Looking forward to hearing reviews on these newly released boots and for those that may have not heard of them yet! I just bought some non-cycling specific boots this Spring or I'd be real tempted to get a pair straightway....:thumbsup:

45NRTH


----------



## Flats (Feb 3, 2011)

Review here.

I like the idea (I've been a winter rider for years), and they seem really nice, but to me spds and the chance of sliding out ice don't mix. Depends where you ride, to each their own, etc.

Edit- more of a preview than a review...


----------



## Thiel (Mar 7, 2012)

I just picked mine up. I'll probably ride with them Thursday or Sunday and will let you know!


----------



## rinafina (Dec 17, 2012)

Just checked it out- its a great looking boot- but looks bulky and maybe heavy. Looks like it would be good for under 20F but maybe too much if riding in the 30-40F range. Please post review...thanks


----------



## Giel (Jan 16, 2011)

Some good input on these puppies over here: http://forums.mtbr.com/fat-bikes/45nrth-winter-boot-807369.html


----------



## Giel (Jan 16, 2011)

http://forums.mtbr.com/fat-bikes/45nrth-winter-boot-807369.html


----------



## Thiel (Mar 7, 2012)

Rode mine tonight. Very nice.

My ride was 32 degrees F, for about 2.5 hour duration. About half an hour of that was standing around. Never even thought about my feet... they were perfectly comfortable.

I wore thin smartwool socks. Plenty of room for larger ski socks (I normally wear a 43 wide shoe, so I bought these boots in 44). Even with the extra room, I'm not swimming in them... though the strap around the top does help to make it feel like you're pulling the pedals with your legs a bit more than you're feet at times.

I went through several water features and even just plain walked through one: *these boots are waterproof.*

I haven't dialed in my cleats, but I had little trouble engaging and disengaging the boots from my pedals. They didn't seem too heavy either. Oh, and I look like a total badass when I'm wearing them.

I'd previously tried booties over MTB shoes: giant pain in the ass, the booties are trashed after three rides, and my feet still froze. These boots solve all three of those problems.

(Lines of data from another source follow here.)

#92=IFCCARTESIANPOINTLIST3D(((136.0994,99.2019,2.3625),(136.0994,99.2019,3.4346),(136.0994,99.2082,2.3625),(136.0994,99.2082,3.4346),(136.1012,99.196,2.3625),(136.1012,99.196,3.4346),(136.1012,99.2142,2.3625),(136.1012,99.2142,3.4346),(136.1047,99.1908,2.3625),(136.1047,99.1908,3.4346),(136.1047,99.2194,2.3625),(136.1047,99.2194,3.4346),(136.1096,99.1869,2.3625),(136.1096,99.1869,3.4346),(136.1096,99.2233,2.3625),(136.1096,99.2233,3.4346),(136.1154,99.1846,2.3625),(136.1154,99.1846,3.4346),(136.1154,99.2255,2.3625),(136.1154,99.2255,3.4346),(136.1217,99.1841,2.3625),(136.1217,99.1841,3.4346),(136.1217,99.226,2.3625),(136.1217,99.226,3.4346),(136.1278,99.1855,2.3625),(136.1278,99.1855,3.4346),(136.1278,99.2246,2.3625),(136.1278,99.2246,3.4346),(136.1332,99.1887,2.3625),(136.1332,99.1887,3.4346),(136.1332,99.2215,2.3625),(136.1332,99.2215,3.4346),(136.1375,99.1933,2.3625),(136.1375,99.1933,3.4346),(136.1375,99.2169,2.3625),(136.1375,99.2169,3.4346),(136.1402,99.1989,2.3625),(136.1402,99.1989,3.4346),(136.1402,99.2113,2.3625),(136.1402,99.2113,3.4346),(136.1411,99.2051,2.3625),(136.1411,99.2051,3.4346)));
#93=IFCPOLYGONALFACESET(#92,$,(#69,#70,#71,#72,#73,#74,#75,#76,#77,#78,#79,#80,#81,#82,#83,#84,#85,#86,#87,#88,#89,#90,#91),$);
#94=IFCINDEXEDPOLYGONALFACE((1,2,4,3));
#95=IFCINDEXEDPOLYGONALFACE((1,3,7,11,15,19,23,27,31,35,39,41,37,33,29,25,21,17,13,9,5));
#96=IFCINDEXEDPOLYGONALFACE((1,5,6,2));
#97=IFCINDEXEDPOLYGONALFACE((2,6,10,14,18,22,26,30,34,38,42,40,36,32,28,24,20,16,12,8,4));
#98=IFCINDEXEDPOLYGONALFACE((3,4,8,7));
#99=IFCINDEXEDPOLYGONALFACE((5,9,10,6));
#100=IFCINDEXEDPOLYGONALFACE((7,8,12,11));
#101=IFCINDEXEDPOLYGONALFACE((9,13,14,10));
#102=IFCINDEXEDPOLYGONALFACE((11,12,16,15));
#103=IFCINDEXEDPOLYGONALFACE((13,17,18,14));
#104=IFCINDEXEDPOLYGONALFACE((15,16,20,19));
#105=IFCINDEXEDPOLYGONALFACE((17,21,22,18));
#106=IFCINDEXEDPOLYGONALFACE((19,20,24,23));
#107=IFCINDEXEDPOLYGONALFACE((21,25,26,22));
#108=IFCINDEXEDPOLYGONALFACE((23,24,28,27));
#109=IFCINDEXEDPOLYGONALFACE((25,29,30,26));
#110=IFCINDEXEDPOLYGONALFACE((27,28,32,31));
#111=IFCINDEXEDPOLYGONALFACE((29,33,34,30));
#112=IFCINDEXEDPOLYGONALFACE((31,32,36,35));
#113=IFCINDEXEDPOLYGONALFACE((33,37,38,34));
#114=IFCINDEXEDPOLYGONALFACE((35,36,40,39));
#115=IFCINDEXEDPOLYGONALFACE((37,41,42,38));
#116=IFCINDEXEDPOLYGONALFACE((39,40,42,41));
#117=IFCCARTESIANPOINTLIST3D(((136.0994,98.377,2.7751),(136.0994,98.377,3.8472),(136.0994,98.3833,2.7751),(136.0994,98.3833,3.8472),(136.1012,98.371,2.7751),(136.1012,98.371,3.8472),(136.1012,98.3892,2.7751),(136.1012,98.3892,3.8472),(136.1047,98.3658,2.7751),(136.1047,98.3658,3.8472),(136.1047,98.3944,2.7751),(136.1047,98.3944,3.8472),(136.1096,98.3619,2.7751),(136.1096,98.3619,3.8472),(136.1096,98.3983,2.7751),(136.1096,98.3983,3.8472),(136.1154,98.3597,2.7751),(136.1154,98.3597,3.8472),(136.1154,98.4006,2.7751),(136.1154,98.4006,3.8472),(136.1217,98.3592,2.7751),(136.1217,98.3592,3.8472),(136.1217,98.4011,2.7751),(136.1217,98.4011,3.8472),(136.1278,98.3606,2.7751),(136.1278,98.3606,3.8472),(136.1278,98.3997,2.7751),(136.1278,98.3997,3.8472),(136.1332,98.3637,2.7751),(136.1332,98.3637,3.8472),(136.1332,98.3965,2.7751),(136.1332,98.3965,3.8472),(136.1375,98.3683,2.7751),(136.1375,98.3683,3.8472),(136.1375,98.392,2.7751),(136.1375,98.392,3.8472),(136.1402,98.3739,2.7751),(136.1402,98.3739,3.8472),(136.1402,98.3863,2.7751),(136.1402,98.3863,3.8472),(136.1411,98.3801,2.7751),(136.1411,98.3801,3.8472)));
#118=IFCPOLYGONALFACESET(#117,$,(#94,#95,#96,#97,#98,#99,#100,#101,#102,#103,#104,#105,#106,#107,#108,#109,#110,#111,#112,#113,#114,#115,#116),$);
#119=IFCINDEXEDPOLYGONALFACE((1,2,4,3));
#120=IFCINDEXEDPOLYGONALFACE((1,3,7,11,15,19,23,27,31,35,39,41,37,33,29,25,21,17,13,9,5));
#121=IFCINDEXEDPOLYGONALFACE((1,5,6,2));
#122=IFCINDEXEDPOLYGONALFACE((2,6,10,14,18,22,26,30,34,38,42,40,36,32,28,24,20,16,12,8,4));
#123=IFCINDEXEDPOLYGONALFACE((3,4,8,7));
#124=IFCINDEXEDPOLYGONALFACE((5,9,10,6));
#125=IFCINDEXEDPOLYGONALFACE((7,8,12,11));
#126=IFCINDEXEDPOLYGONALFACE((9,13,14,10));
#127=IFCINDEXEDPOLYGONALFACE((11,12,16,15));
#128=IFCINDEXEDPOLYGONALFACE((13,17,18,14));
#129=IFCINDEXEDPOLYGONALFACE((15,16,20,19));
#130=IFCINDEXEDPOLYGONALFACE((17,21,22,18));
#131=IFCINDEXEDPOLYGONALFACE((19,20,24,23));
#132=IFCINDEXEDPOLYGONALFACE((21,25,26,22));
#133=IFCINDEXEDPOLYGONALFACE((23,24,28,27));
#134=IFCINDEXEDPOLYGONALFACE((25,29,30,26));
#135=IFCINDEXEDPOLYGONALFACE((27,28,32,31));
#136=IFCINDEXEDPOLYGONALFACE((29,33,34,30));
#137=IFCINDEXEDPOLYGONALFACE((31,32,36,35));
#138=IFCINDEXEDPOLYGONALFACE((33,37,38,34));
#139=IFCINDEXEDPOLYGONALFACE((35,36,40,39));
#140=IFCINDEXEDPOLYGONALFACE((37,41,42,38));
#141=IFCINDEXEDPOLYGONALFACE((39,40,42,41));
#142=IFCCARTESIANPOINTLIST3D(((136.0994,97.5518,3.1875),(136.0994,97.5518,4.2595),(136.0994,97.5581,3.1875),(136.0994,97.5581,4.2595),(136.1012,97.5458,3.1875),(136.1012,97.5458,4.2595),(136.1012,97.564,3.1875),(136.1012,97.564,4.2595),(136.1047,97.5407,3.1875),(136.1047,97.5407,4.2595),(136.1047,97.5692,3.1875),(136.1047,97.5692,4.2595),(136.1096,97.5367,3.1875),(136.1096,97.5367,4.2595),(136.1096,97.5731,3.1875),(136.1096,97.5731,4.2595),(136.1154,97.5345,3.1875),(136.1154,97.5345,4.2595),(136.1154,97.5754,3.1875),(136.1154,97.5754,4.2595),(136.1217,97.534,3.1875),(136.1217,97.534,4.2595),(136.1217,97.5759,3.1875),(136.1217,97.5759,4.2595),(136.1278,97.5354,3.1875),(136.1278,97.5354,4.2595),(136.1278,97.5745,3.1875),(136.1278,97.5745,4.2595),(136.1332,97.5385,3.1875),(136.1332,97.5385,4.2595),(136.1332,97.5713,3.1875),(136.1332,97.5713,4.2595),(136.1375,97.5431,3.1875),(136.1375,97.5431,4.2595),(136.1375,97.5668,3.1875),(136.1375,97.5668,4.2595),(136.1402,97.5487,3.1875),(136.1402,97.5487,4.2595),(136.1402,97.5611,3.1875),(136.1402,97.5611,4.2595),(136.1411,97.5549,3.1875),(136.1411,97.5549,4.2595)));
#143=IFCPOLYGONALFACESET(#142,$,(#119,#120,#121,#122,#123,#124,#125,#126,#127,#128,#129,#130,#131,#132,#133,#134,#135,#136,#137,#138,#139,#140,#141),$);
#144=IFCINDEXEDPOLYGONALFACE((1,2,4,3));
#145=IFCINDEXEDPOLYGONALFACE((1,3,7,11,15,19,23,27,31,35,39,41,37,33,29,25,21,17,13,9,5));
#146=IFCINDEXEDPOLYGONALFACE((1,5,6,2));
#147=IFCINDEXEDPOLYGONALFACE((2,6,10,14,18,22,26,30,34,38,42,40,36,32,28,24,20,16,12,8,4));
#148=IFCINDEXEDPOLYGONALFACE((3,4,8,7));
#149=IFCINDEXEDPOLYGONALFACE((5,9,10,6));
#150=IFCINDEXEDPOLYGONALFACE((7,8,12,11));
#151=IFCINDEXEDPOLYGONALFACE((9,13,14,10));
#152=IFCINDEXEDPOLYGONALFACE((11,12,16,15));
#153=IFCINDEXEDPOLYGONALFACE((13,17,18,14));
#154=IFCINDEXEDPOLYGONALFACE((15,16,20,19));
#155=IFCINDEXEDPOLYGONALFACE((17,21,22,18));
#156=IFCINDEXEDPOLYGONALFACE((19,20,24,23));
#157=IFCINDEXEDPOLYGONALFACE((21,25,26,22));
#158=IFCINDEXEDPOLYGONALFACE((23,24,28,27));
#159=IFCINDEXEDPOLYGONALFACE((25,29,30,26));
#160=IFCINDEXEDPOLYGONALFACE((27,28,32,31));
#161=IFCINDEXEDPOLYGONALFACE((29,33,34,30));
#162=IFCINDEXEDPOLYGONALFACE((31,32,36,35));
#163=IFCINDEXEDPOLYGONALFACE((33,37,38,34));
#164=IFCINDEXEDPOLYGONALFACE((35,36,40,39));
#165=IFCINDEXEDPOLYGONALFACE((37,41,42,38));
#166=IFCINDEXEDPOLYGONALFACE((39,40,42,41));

In summary, and to borrow a phrase: "If you have the means, I highly recommend picking some up."


----------



## Thiel (Mar 7, 2012)

A new low temp with the Wolvs last night. 9 degrees, very snowy, with a mid weight sock. Toasty. Worth it to never have to worry about your feet--and I had my feet in the snow quite a bit.


----------



## urmb (Oct 4, 2005)

They look promising. The outsole looks familiar. Just compared the picture on the Wolvhammer website to my Lake MXZ302s. The outsoles are the same. Not a con. I like my Lakes and really like steel tipped toe cleats on ice.

I couldn't find a wide version though. 

Image of Lake MXz303 outsole. Lickbike.com | Lake MXZ303 Winter MTB Shoe -2013

urmb


----------